Hattâ bu defa bana beş vecihle kanunsuz, bayramda, düşmanlarımın plânıyla bana ihanet eden o malûm adama şimdilik bir bela gelmesin diye telaş ettim. Çünki mes’ele şaşaalandığı için, doğrudan doğruya avam-ı nâs bana makam verip hârika bir keramet sayabilirler diye, dedim: “Ya Rabbi, bunu ıslah et veya cezasını ver. Fakat böyle kerametvari bir surette olmasın.” Bu münasebetle bir şeyi beyan edeceğim. Şöyle ki:

Bu defa mahkemeden bana teslim olunan talebelerin mektubları içinde, çok imzalar üstünde bulunan bir mektub gördüm; belki Lâhika’ya girmiş. Risale-i Nur’un şakirdlerinin maişet cihetindeki bereketine ve bazıların tokatlarına dairdi. Burada, aynen Kastamonu’daki tokat yiyenler gibi şübhe kalmamış; beş adam, aynen burada da tokat yediler. (*)

Risale-i Nur’un bir kâtibi dedi ki: “Neden dostların kusuratına tokat gelir. Hücum eden düşmanlara bu tarzda gelmiyor?”

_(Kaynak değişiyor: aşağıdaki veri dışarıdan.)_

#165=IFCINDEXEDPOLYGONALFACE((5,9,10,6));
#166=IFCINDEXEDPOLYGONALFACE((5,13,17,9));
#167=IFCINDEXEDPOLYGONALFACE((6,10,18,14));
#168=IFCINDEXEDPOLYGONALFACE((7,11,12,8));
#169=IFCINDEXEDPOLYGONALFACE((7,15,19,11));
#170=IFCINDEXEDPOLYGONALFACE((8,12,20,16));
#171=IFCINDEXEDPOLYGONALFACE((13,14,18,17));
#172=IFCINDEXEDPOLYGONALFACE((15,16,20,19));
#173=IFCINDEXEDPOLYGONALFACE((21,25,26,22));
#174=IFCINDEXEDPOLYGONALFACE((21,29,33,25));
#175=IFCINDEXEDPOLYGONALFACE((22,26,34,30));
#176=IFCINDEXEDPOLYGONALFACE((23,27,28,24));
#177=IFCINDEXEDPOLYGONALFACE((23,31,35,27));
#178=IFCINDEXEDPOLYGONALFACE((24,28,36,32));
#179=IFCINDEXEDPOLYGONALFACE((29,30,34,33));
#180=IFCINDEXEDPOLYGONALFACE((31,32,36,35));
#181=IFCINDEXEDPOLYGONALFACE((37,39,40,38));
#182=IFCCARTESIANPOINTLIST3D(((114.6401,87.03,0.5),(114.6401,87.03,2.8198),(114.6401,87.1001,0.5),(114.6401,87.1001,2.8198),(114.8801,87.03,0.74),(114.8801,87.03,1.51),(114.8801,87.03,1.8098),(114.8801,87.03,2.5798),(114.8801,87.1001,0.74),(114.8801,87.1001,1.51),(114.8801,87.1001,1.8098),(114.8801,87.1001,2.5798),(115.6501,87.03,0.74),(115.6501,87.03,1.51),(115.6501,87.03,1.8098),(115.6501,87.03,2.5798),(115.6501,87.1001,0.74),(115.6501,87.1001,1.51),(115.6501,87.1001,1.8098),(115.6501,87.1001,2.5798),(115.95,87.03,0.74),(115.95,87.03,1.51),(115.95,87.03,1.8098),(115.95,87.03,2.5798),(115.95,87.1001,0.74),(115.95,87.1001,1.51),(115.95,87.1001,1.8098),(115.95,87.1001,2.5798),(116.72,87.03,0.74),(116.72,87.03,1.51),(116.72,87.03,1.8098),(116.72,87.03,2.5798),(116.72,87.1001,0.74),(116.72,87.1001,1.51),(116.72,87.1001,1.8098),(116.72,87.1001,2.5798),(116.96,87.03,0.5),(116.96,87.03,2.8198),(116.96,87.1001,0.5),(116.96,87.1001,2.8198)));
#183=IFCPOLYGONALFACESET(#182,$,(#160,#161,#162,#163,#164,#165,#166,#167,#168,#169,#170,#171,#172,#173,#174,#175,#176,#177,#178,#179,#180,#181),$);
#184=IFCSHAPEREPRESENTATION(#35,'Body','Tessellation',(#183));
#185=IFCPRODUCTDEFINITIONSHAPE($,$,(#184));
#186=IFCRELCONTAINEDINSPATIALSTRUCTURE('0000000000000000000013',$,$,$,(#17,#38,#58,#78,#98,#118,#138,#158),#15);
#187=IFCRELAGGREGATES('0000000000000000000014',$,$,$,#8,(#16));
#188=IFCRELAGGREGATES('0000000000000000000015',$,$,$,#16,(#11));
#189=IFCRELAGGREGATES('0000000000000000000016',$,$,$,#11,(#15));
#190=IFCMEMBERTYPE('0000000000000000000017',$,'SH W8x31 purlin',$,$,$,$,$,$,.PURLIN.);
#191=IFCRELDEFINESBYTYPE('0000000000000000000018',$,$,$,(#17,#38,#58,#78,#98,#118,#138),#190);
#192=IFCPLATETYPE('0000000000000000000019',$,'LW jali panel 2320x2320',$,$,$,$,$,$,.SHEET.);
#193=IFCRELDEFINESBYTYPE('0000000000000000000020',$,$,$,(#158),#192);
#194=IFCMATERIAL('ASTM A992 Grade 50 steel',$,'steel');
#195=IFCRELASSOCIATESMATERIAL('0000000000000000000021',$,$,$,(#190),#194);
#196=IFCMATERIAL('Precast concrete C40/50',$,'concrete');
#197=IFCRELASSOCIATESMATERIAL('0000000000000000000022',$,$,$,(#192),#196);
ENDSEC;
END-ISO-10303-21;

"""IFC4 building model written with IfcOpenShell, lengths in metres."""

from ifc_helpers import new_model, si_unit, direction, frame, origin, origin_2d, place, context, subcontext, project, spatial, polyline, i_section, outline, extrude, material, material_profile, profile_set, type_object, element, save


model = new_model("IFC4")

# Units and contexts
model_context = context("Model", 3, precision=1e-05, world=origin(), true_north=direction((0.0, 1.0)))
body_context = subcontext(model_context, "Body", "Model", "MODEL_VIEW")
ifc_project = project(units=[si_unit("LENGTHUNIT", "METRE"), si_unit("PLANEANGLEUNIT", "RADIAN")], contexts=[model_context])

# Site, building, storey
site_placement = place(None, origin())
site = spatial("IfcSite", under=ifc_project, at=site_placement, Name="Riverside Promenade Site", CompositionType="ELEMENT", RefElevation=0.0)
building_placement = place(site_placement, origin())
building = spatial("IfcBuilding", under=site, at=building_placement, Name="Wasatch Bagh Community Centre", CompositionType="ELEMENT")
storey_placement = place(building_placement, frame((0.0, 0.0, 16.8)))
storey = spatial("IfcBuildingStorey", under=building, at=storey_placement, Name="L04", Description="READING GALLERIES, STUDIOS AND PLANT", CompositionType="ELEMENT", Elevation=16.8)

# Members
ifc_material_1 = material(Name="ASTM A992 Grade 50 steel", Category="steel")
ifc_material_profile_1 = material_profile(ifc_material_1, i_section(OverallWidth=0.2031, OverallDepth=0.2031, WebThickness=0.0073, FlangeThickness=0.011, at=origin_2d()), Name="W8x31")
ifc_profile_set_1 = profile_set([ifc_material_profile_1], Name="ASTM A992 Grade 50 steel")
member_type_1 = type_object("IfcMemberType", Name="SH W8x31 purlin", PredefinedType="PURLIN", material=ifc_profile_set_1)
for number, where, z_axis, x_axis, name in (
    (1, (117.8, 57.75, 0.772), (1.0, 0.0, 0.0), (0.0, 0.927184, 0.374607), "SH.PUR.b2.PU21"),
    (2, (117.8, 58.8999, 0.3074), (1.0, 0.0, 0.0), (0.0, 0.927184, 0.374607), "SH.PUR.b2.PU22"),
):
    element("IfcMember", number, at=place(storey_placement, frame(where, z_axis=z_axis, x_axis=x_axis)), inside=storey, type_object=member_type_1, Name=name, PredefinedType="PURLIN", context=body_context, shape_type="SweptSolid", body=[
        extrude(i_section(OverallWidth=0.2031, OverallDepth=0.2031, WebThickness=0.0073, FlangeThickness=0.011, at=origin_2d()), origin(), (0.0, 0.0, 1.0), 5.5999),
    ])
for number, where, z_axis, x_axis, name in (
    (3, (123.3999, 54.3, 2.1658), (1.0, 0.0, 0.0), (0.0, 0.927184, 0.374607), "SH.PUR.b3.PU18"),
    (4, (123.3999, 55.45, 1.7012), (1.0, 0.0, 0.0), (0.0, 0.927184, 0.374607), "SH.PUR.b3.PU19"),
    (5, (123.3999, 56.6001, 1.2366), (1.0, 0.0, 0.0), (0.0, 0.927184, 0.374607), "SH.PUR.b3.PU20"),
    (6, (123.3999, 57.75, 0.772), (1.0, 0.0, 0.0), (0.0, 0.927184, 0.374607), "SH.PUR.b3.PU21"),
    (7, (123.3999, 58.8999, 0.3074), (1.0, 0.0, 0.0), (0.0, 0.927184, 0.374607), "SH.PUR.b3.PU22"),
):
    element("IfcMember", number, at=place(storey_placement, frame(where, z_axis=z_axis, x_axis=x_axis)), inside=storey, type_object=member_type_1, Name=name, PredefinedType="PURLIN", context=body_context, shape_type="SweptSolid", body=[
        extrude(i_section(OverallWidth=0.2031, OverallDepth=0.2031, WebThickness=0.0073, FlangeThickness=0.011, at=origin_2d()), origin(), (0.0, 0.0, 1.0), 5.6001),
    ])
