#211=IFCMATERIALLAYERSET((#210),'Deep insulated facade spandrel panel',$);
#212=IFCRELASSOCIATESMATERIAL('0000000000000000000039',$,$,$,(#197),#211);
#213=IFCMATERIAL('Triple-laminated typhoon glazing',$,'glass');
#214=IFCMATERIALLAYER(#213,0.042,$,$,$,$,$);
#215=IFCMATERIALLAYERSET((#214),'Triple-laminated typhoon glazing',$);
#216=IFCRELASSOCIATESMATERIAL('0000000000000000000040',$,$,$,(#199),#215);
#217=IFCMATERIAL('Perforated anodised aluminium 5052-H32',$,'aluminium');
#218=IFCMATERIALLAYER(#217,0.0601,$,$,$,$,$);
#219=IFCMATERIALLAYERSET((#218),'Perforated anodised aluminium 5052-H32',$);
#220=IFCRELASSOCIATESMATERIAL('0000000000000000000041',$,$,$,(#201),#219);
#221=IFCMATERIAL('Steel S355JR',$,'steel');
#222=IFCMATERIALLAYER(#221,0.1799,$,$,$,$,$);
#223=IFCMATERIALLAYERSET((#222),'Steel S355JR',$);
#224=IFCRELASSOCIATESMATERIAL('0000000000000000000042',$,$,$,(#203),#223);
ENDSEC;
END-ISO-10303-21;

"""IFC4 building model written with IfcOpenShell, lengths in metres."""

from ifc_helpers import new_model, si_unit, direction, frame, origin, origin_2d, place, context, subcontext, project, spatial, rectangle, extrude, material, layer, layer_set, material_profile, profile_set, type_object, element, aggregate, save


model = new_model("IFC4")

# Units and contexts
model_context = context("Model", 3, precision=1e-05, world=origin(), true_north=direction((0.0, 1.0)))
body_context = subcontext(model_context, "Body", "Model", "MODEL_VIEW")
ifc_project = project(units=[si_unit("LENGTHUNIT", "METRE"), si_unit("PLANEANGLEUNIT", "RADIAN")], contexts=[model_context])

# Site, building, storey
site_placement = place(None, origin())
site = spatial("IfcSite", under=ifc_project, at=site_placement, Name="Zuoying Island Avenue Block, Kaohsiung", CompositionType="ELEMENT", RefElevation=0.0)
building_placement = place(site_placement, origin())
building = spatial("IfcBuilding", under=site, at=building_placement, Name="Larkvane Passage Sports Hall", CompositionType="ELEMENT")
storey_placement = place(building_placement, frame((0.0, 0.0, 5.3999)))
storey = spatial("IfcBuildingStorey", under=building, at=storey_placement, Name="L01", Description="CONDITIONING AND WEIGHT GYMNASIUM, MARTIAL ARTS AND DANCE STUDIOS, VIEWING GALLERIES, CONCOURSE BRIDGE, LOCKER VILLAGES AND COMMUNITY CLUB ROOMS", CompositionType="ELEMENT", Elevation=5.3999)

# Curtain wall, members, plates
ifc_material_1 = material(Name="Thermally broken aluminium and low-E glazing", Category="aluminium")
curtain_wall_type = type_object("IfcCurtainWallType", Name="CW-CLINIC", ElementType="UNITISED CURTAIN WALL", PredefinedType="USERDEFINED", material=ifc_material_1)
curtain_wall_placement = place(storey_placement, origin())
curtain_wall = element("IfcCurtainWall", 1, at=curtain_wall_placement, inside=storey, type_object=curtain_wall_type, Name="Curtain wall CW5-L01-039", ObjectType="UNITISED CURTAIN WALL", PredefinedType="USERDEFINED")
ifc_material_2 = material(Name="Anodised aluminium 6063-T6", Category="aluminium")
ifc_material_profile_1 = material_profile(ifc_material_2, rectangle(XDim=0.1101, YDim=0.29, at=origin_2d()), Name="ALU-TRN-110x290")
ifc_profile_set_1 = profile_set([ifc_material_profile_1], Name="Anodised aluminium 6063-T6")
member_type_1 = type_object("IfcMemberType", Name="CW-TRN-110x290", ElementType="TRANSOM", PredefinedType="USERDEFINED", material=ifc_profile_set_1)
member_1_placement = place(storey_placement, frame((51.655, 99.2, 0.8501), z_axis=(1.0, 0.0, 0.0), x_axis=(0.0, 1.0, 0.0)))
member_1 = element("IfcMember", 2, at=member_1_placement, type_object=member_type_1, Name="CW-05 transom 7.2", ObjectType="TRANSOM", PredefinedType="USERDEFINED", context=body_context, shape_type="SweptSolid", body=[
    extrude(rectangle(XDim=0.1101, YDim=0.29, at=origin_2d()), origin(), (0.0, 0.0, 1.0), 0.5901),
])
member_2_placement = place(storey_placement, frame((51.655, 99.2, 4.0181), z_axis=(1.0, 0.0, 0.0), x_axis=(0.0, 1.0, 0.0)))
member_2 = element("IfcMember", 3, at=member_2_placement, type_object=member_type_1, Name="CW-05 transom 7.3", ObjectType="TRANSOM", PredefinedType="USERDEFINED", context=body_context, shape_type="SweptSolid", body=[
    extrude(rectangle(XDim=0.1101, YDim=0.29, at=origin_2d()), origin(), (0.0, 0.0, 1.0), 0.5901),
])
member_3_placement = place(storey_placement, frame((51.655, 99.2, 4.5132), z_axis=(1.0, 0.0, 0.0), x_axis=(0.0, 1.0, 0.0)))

Elcevab: Memur olmayan veya hususî, şahsı itibariyle hıyanet eden, hususî tokat yer. Bu nevi vukuat pek çoktur. Ve tam sadakat edenlerde, maişetindeki bereket ve kalbindeki rahat cihetinde ikramlara mazhar olanlar dahi pek çoktur. Eğer memur ise, kanun namına kanunsuz hıyanet eden, ilişen; o memlekete, o bîçare ahaliye bir umumî tokada vesile olur. Ya zelzele, ya yağmursuzluk, ya hastalık, ya fırtına gibi umumî belalara bir vesile olur. Kendisi, zahiren hususî tokat yememiş gibi görünüyor.

Hem eğer dinsizlik hesabına, imanî hizmetimize ilişenler olsa اَلظُّلْمُ لاَ يَدُومُ وَالْكُفْرُ يَدُومُ kaidesince, küfür derecesine giren öylelerin zulümleri -büyük olduğu için- âhirete te’hir edilir; ekseriyetçe küçük zulümler gibi cezaları dünyaca ta’cil edilmez.